LIVE: Fact-checking the vice presidential debate between Mike Pence and Kamala Harris
- Vice President Mike Pence and Democratic vice presidential nominee faced off Wednesday in the first and only debate between the two of the 2020 campaign season.
- Topics for the debate have not been publicly released, but it will likely focus heavily on the Trump administration's handling of the coronavirus pandemic, which has infected more than 7 million Americans including the president and killed over 210,000.
- This month, the virus made its way to the highest levels of the US government, infecting more than two dozen people in President Donald Trump's orbit, including him and First Lady Melania Trump.
- Other debate topics will likely focus on healthcare, the economy, the Supreme Court, and Trump and Joe Biden's respective records.
- Scroll down to follow Business Insider's live fact check of the debate.
- Visit Business Insider's homepage for more stories.
On Wednesday, Vice President Mike Pence and Democratic vice presidential candidate Kamala Harris face off in the first and only vice presidential debate of the 2020 election.
The debate comes as the Trump administration is mired in the most serious public health crisis of Donald Trump's presidency: more than two dozen people in and around Trump's orbit have tested positive for the novel coronavirus. That includes Trump and First Lady Melania Pence, multiple current and former Republican lawmakers, the White House press secretary, Trump's counselor Hope Hicks, the head of the White House security office Crede Bailey, and others.

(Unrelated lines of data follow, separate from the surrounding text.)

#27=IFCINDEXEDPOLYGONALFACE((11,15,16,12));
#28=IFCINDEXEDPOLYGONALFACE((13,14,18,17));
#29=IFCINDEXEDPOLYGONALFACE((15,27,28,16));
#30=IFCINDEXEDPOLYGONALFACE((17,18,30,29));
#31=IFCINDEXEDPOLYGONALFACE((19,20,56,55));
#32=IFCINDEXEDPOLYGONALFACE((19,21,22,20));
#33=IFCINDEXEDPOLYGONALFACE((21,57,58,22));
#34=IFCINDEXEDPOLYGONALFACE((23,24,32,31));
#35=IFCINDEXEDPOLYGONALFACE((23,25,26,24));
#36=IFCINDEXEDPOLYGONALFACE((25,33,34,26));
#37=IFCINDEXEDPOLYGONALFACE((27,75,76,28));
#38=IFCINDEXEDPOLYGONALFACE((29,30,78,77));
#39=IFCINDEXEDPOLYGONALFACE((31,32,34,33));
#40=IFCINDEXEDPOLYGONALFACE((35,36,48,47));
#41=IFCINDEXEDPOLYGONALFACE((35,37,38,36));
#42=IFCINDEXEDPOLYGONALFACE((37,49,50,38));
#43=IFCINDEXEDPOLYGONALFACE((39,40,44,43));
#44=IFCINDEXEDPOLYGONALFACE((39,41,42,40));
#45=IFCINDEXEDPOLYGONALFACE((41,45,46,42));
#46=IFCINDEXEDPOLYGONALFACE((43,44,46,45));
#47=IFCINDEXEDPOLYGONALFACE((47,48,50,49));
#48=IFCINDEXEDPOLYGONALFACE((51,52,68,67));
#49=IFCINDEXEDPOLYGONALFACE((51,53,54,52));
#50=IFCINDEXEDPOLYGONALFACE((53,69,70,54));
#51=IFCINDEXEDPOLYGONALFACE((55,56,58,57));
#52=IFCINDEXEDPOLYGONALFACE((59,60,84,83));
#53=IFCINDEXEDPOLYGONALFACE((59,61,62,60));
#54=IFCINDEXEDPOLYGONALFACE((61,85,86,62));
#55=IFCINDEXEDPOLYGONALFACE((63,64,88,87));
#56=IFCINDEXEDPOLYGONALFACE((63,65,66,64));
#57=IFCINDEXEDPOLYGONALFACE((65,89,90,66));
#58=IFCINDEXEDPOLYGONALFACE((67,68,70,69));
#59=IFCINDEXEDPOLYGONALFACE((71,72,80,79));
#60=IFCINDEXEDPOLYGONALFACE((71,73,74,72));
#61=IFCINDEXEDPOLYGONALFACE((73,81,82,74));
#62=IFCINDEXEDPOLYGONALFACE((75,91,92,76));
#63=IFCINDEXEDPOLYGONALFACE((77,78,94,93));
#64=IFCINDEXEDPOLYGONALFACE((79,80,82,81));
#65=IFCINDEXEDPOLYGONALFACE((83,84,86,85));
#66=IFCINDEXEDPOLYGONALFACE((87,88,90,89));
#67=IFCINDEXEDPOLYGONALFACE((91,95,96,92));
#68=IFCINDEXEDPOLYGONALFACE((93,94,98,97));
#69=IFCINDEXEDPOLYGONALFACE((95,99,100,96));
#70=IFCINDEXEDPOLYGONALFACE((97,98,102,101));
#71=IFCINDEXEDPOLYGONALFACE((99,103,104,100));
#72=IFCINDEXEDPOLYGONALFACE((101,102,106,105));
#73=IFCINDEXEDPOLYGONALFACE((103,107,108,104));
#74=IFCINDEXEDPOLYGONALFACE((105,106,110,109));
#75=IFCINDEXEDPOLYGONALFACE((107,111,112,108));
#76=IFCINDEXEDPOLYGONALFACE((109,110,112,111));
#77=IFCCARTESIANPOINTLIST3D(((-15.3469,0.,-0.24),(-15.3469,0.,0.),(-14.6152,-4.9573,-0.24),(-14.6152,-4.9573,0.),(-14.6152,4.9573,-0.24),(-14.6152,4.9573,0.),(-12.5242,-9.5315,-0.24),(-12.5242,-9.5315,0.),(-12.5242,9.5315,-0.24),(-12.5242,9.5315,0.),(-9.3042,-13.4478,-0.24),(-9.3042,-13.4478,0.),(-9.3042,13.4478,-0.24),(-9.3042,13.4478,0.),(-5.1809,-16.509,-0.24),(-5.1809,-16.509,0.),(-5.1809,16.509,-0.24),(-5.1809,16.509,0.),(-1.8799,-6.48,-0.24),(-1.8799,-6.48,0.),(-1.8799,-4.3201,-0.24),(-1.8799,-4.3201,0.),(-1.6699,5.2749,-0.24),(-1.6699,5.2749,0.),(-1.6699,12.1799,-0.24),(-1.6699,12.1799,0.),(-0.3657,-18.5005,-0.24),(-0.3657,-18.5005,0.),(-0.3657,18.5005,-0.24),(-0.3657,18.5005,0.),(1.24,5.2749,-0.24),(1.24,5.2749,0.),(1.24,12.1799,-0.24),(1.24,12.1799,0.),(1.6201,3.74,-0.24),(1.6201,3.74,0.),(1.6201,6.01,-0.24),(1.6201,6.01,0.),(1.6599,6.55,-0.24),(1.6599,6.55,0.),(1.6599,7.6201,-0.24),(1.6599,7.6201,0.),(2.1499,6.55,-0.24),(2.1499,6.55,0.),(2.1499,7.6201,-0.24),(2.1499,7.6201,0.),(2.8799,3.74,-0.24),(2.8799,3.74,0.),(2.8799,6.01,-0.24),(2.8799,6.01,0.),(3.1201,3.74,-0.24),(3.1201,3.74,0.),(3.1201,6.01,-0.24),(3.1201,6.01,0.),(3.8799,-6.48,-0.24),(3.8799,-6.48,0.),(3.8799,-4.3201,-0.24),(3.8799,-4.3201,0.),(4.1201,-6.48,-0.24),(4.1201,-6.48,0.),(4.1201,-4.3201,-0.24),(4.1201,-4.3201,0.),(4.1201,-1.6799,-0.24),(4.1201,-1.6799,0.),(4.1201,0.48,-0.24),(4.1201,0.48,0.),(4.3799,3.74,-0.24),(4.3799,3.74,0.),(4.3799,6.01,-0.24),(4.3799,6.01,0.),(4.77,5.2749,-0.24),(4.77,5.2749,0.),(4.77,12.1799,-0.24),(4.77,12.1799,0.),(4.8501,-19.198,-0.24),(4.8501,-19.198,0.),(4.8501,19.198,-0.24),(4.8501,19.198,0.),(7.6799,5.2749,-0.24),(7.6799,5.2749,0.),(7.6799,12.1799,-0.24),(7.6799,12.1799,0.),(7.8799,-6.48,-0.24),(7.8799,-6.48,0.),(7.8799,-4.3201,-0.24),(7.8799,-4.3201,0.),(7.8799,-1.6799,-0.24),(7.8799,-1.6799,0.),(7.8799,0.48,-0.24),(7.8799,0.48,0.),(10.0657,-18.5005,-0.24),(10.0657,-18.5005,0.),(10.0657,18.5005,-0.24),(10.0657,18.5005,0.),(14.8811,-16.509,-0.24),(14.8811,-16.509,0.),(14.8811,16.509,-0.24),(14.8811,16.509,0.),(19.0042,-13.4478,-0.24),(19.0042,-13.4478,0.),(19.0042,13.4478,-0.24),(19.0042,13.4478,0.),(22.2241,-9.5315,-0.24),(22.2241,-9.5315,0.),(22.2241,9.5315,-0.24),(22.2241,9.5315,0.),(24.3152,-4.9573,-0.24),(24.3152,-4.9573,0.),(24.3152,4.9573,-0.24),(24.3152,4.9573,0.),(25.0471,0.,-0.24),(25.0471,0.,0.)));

The second highest-ranking official in the Marine Corps and a senior Coast Guard admiral have also tested positive, and top military officials including the joint chiefs of staff have had to go into quarantine as a result.
Pence has tested negative as of Wednesday, but the Biden campaign insisted that debate staff erect a plexiglass wall between Harris and the vice president and keep them more than six feet apart as a precautionary measure.
Harris also tested negative on Wednesday.
Topics for Wednesday's debate have not been released, but it will likely focus heavily on the Trump administration's handling of the coronavirus pandemic, especially as cases, deaths, and hospitalization rates spike across the country during the flu season. USA Today's Susan Page, who is moderating the debate, will also likely ask about key policies the two campaigns have put forward on issues like healthcare, the economy, the Supreme Court, and Trump and Biden's respective governing records.
What they said: Pence said at the start of the debate that "from the very first day, President Donald Trump has put the health of Americans first" and that "he suspended all travel from China and Biden opposed this decision saying it was xenophobic."
Fact check: Trump did not ban all travel from China. He restricted certain types of travel, and far from denigrating the president's decision as xenophobic, Biden's campaign expressed support for the move in April.
What they said: Pence accused the Biden campaign of drawing from the Trump administration's COVID-19 policies, saying, "When you read the Biden plan it looks an awful lot what President Trump, the task force, and I have been doing. It looks a little bit like plagiarism, something Joe Biden knows a little bit about."
Fact check: Pence was likely referring to the plagiarism controversy that doomed Biden's 1988 presidential run. Specifically, as Insider previously reported, Biden lifted portions of a speech by United Kingdom Labour MP and Margaret Thatcher challenger Neil Kinnock. And according to a 1987 article in The New York Times, Biden acknowledged plagiarizing a law review journal for a paper during law school, and asked school administrators not to be expelled. Biden later said he made a mistake in the citation process.
Joe Perticone contributed reporting.